Genomic alterations that are consequential for tumor growth are often manifested on the transcriptome level such that mutated driver genes are often differentially expressed compared to a healthy population or patients without any mutation in driver genes. We leveraged the transcriptome data from TCGA to identify genes among our list of putative driver genes that are also differentially expressed. We identified 60 genes among our predicted driver genes that were differentially expressed in tumor samples. These differentially expressed putative driver genes include novel as well as previously established driver genes. As with genomic data, the amount of transcriptomic data for each individual cohort is not sufficiently large to provide enough statistical power for identifying differentially expressed genes. However, we note that 76% of our putative driver genes were differentially expressed in at least 1 TCGA cancer cohort. These analyses further validate our hotspot community-based driver-detection approach. Finally, we note that our current framework identifies the hotspot communities in putative driver genes without specifying putative driver mutations. However, a close inspection of molecular functional impact score and residue-level annotation of mutations in our putative hotspot communities can be utilized to identify the putative driver mutations.

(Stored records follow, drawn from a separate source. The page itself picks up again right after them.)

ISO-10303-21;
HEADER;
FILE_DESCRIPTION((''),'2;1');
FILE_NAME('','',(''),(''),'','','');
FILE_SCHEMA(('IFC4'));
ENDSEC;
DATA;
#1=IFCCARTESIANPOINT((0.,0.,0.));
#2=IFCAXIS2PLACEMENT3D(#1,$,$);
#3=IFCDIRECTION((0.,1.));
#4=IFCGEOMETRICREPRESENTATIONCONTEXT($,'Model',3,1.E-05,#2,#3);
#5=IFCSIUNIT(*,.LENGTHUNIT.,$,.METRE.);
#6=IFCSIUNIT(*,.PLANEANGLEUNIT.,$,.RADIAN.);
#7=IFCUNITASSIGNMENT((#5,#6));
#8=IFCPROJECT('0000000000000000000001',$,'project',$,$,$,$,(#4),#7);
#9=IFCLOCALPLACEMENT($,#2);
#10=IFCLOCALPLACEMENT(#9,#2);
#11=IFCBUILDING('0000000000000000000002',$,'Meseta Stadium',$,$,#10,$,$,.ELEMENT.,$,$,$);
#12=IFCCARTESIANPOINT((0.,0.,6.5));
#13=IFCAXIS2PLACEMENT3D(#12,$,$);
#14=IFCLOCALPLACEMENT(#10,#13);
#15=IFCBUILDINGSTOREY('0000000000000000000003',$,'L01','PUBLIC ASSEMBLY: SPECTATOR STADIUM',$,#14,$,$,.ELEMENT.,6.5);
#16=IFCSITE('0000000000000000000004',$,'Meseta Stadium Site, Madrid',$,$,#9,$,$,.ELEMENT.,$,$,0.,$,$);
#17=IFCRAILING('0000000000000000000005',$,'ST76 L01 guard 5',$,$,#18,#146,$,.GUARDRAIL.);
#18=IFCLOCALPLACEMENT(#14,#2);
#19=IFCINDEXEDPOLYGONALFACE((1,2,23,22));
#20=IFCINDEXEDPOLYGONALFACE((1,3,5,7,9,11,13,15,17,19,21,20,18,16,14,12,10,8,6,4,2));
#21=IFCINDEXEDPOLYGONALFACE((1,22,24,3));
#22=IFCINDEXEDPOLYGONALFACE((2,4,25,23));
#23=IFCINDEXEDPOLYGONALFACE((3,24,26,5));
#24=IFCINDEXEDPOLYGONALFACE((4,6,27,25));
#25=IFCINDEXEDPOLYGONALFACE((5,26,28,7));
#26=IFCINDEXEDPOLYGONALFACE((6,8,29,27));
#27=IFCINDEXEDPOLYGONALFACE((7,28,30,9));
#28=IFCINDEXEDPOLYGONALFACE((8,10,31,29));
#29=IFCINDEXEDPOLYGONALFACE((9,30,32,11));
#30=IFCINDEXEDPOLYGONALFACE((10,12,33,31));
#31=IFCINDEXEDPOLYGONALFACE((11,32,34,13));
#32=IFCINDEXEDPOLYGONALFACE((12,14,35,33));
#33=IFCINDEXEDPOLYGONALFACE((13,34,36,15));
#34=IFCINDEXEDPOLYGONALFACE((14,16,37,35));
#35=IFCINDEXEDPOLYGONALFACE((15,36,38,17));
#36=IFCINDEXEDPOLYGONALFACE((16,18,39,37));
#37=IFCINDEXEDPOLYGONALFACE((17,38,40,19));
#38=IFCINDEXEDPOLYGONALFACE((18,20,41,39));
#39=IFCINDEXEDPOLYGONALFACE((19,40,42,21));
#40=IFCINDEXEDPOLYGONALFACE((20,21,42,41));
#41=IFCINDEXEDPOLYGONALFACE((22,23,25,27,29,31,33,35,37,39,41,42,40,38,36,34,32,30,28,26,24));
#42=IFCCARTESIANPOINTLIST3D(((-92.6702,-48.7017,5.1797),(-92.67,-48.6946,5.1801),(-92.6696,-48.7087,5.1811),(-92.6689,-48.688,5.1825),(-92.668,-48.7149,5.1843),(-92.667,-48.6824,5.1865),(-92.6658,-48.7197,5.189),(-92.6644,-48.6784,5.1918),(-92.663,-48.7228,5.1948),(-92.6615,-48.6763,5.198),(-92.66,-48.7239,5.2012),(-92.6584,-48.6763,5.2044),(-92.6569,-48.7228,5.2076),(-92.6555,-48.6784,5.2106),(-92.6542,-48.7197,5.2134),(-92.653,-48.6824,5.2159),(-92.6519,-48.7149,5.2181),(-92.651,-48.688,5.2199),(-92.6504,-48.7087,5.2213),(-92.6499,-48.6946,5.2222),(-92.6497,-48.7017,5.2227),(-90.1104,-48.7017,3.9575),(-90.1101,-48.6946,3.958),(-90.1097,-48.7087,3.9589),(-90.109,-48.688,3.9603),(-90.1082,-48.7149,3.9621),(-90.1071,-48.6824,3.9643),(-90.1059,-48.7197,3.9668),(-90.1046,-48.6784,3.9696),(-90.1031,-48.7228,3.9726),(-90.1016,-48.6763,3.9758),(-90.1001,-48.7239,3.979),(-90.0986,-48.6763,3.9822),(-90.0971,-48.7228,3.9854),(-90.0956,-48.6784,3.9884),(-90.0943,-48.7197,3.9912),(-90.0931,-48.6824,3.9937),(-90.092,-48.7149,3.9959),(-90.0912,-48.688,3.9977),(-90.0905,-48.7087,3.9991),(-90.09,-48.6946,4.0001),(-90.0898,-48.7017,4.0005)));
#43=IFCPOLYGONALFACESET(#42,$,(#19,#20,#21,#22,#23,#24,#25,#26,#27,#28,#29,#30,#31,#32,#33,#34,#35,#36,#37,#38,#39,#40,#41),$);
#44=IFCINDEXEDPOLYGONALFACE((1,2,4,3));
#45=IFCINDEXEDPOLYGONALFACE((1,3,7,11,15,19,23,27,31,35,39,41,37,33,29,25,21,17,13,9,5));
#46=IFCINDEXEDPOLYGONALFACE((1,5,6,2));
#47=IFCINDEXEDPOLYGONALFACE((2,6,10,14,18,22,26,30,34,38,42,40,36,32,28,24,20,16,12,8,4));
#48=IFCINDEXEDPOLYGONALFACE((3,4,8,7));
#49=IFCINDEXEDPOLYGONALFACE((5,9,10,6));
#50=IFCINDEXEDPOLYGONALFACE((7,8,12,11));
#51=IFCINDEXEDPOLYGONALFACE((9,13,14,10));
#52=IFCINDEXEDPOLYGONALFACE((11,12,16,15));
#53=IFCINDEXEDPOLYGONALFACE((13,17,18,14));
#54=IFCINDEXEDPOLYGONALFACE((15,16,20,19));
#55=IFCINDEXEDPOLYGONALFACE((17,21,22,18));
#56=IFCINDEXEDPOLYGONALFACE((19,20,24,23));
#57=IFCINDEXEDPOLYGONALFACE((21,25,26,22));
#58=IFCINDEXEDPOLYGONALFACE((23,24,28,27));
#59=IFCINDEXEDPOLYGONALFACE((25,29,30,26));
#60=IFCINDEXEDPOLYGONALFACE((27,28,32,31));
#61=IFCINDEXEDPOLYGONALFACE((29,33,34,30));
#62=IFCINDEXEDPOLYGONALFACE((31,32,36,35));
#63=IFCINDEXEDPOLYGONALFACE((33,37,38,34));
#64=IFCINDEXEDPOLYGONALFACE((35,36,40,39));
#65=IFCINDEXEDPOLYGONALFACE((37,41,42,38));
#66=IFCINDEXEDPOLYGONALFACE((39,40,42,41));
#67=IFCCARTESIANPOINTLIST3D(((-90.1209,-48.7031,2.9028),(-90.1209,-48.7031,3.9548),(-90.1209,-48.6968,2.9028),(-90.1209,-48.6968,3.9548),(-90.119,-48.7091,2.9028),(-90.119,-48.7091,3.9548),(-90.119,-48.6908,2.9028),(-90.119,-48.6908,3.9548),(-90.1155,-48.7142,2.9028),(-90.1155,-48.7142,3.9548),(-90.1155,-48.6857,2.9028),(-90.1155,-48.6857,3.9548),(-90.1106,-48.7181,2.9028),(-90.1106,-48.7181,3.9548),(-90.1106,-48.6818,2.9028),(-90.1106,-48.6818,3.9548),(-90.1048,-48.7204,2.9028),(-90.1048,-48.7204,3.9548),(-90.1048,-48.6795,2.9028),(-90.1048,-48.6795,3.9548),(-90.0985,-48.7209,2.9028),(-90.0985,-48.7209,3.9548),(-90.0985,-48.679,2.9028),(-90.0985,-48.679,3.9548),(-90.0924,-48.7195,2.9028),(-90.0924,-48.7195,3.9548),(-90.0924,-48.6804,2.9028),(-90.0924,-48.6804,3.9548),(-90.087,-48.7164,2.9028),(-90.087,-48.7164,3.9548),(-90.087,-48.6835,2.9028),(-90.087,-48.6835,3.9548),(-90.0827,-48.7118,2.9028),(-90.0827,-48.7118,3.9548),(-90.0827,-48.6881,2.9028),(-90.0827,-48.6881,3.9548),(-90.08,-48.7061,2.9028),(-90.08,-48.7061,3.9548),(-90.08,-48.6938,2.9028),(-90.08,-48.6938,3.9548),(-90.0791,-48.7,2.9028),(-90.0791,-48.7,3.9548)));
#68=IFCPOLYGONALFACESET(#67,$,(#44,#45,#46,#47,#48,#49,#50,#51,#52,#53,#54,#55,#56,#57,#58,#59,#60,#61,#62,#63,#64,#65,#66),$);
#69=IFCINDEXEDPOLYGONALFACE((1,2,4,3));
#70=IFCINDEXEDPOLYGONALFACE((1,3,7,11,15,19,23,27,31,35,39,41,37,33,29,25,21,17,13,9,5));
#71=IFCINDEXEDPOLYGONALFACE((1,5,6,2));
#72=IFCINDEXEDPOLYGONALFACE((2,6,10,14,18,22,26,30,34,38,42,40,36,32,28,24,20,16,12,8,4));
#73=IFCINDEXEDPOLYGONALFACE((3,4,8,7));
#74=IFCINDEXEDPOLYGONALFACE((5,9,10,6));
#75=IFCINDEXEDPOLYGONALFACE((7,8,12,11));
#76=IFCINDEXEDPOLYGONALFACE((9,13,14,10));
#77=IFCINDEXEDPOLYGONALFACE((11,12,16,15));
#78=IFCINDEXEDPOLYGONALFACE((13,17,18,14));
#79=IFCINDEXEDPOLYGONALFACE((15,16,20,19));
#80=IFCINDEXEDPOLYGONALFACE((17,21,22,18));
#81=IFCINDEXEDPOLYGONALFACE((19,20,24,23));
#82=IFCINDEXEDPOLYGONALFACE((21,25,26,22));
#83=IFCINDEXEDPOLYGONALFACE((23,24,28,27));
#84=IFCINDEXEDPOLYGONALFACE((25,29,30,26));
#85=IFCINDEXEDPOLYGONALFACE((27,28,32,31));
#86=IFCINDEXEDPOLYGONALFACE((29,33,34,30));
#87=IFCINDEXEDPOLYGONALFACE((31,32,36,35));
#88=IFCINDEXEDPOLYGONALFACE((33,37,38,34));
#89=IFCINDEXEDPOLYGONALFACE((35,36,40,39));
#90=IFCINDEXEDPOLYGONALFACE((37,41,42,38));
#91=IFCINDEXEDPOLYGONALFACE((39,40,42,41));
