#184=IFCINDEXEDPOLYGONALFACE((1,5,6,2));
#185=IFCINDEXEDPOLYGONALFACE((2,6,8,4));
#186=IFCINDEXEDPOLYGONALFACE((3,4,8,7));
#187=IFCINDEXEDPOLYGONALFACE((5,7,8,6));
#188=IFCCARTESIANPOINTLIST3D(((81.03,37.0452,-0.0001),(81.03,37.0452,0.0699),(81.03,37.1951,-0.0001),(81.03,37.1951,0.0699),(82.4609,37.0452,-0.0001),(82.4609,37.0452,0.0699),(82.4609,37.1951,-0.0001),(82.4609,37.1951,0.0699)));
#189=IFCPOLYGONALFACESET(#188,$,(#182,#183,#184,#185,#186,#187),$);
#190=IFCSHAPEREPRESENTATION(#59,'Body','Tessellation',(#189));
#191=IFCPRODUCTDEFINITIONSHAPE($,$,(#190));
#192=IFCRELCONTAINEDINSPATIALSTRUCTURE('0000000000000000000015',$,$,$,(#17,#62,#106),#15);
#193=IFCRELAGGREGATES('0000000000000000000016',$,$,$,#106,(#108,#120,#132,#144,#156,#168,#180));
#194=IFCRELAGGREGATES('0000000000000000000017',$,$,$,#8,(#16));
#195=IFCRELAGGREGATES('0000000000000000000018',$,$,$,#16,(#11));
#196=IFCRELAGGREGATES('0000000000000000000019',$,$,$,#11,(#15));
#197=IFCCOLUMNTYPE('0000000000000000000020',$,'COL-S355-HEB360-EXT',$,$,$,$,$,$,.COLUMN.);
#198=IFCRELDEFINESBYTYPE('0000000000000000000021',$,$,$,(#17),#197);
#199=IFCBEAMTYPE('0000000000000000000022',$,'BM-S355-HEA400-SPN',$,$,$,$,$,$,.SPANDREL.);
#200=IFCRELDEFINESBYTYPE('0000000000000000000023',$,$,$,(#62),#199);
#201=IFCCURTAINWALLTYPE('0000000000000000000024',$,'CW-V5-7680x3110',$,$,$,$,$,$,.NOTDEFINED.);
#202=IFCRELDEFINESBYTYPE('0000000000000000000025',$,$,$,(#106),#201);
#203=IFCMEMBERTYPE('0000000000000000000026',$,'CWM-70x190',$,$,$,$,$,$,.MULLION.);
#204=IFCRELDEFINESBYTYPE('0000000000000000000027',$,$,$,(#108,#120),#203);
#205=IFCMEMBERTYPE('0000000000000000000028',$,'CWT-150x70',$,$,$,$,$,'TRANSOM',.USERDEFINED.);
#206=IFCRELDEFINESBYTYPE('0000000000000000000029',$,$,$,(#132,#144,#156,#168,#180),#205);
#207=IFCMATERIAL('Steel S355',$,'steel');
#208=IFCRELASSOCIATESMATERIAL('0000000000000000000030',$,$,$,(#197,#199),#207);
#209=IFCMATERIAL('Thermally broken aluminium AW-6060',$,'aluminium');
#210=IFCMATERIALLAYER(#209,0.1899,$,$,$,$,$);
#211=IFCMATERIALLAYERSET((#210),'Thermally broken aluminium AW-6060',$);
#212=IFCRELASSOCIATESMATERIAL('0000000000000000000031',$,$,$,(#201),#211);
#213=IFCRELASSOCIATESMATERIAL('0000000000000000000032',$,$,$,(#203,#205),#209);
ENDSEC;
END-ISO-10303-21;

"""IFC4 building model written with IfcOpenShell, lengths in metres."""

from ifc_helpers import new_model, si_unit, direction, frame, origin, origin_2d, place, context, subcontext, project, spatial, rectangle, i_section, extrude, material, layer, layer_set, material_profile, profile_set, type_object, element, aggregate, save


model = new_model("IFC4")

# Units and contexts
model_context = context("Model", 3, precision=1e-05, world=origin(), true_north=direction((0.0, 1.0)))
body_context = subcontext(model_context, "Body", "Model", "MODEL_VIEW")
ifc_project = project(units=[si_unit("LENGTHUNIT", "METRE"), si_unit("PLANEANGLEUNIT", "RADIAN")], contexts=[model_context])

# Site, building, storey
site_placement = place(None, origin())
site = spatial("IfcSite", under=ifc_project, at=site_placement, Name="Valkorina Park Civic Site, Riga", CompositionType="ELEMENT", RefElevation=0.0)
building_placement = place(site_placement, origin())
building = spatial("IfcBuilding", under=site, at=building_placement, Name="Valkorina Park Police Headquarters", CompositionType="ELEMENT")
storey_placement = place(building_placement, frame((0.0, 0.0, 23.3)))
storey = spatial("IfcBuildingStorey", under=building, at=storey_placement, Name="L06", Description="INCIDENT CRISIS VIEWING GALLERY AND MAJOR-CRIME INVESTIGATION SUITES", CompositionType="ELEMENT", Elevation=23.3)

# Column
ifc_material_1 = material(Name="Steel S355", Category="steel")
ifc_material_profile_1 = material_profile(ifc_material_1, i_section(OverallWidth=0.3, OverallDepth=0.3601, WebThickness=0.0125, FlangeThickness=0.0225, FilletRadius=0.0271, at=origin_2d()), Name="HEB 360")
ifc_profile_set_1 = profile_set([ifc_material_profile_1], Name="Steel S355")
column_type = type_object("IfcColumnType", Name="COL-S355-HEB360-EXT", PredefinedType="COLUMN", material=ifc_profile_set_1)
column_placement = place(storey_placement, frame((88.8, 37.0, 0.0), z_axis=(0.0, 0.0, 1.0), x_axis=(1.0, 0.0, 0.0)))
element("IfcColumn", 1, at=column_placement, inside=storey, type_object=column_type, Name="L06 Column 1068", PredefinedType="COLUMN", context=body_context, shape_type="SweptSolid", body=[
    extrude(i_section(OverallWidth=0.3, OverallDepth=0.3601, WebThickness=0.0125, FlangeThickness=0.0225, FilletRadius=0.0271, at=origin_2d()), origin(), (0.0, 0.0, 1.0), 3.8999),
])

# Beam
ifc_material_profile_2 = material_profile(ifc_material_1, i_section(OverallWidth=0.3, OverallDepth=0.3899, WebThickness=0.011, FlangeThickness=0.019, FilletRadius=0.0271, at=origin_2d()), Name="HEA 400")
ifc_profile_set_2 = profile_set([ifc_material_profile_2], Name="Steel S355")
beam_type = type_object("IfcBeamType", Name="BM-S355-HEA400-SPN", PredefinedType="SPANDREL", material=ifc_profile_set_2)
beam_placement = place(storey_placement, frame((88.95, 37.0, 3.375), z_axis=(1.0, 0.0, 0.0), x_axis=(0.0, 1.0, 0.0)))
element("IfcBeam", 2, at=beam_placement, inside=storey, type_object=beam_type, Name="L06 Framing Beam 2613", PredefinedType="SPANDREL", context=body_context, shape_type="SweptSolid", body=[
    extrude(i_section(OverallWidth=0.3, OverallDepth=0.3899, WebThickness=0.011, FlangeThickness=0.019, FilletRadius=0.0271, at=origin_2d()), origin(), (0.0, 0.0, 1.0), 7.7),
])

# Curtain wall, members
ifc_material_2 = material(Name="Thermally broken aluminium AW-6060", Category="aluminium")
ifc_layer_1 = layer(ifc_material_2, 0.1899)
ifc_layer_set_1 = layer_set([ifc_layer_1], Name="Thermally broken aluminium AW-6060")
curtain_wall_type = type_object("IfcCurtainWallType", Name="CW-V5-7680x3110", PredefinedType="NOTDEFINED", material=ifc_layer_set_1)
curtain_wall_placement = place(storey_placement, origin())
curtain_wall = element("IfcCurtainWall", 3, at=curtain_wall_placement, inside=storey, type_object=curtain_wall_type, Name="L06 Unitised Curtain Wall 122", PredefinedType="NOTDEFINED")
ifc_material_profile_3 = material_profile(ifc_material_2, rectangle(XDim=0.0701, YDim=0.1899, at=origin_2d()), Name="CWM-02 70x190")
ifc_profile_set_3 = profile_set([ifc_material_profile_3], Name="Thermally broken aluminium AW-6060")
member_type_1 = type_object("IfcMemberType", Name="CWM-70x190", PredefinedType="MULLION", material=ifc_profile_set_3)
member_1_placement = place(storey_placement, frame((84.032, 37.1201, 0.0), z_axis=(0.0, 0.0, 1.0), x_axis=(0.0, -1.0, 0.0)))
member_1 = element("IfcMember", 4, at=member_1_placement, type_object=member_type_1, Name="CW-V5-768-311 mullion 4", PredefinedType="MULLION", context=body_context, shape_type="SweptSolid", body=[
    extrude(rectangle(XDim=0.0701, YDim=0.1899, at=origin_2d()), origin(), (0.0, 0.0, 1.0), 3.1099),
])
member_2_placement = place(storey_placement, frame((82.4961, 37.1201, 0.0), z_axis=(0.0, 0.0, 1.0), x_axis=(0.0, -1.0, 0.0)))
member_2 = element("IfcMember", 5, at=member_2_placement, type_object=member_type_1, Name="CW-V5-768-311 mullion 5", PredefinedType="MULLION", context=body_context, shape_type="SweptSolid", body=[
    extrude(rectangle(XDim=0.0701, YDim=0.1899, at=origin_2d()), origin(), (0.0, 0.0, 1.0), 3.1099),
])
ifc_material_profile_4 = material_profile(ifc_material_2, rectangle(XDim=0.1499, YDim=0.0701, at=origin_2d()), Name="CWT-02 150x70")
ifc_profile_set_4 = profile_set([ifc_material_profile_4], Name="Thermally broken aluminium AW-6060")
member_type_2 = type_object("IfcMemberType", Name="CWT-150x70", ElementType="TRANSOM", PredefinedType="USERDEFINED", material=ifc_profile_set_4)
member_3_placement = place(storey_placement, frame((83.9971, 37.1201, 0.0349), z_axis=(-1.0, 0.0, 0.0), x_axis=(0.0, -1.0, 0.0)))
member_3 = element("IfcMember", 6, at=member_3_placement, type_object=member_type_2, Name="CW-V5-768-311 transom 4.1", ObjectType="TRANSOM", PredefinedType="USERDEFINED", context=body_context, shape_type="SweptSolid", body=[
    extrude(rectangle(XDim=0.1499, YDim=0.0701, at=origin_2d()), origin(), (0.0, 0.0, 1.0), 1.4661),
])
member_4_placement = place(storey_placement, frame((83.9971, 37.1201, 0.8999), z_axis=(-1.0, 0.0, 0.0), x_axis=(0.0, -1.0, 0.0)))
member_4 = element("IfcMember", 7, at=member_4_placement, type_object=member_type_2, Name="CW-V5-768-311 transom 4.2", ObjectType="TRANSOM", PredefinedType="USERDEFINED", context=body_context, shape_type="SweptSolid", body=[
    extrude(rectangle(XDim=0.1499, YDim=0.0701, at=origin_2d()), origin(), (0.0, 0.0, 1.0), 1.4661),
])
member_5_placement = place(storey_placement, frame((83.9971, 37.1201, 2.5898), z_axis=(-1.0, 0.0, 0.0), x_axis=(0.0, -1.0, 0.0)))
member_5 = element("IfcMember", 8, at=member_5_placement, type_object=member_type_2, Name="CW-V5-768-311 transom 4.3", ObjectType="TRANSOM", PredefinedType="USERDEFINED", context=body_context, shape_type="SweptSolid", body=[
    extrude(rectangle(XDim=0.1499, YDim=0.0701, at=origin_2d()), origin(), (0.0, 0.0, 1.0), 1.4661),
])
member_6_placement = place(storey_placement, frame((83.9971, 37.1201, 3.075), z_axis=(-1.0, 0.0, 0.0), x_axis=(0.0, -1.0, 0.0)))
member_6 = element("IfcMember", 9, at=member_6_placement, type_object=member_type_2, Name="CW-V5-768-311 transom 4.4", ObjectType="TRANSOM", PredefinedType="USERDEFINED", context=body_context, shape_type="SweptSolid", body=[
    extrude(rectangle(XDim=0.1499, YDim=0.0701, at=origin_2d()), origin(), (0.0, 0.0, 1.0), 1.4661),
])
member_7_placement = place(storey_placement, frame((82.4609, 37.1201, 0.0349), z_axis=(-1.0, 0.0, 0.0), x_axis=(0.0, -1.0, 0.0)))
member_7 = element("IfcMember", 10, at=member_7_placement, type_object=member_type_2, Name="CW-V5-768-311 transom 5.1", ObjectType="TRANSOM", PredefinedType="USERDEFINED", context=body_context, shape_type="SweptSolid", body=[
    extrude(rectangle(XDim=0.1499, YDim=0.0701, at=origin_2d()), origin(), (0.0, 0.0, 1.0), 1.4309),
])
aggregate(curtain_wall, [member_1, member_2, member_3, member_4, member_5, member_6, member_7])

In the context of investigating the molecular mechanism underlying tumor growth, protein structure-based driver-detection methods offer significant advantages over approaches that are limited to sequence space. However, structure-based methods suffer from limited coverage of the human proteome. Thus, the applicability of structure-based methods is, of course, limited only to mutations that can be mapped to protein structures. A prior study (38) has applied homology model-derived structures to circumvent the issue of limited structural coverage. However, the accuracy of homology-based models has shown to be limited for various protein complexes and transmembrane proteins. Moreover, modeling protein motions for homology-model–derived protein structures would most likely be less accurate, thereby affecting sensitivity. Nevertheless, significant technical improvements in crystallographic and cryo-EM techniques (87) are expected to expand the current structurally resolved proteome. In particular, cryo-EM technologies (87) now allow us to obtain a high-resolution structure of large proteins and biomolecular complexes that were previously elusive. Thus, we anticipate an essential role of our approach in future studies aimed at discovering low-frequency drivers in various cancer cohorts. Additionally, knowledge of protein motions (along with structures) can potentially help uncover druggable hotspot communities. Such studies are likely to open new therapeutic avenues for various cancers and will help in realizing the goal of precision medicine in cancer.